This repository contains the code for the following paper,
GENIUS: Subteam Replacement with Clustering-based Graph Neural Networks (SDM'24)
Chuxuan Hu, Qinghai Zhou, and Hanghang Tong
In this paper, we introduce GENIUS, a clustering-based graph neural network (GNN) framework that (1) captures team social network knowledge for subteam replacement by deploying team-level attention GNNs (TAGs) and self-supervised positive team contrasting training scheme, (2) generates unsupervised team social network member clusters to prune candidates for fast computation, and (3) incorporates a subteam recommender that selects new subteams of flexible sizes.

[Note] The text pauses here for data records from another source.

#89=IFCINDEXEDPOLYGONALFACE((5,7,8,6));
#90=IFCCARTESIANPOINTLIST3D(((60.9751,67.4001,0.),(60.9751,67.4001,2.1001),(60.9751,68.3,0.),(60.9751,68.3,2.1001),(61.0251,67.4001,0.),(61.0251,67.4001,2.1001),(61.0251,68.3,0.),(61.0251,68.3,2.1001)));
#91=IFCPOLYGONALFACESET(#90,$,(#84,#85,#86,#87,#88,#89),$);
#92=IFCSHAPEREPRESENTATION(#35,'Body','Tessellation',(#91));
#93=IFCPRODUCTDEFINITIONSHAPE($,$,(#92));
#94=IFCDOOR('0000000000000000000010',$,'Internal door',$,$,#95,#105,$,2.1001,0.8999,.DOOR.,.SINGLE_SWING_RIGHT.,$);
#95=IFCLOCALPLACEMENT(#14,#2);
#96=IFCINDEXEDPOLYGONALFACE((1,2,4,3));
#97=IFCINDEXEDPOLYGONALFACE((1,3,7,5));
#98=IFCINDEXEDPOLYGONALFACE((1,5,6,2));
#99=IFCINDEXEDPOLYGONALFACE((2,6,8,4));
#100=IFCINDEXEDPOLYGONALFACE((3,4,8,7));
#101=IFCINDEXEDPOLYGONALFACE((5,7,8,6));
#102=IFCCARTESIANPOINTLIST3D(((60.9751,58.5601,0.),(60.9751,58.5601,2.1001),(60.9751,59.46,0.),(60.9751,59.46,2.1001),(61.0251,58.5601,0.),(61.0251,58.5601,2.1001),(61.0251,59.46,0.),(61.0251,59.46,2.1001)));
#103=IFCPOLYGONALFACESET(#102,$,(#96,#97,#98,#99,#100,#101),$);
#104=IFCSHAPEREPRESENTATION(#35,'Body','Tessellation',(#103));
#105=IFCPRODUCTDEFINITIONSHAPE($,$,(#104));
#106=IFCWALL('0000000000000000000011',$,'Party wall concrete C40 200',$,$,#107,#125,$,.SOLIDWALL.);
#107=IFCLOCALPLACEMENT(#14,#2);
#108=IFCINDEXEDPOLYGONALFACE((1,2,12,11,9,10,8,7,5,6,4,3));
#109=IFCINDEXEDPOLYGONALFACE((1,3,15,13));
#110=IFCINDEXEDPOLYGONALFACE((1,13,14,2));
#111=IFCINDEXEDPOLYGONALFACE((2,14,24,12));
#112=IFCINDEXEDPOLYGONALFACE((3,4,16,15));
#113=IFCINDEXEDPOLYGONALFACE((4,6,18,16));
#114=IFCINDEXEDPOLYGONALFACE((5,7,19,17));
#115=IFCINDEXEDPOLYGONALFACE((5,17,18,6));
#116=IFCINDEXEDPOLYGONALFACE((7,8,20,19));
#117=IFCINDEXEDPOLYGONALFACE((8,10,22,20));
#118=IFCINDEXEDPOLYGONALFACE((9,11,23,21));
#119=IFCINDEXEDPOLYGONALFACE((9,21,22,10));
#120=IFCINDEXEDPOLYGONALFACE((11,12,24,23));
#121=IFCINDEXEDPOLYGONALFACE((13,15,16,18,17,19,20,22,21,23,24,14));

We demonstrate the efficacy of the proposed method in terms of (1) effectiveness: being able to select better subteam members that significantly increase the similarity between the new and original teams, and (2) efficiency: achieving more than 600 times speed-up in average running time. Please refer to our paper for more details.
genius.py
: Implementation for the entire GENIUS framework, including the team encoder, subteam recommender, and the training schema.
tag.py
: Implementation for the team encoder with the Team-level Attention GNNs (TAGs)
evaluation.py
: The evaluation code using 3 different graph similarity metrics as mentioned in Section 4.1.
dblp.py
: Code for loading data using the DBLP dataset as an example.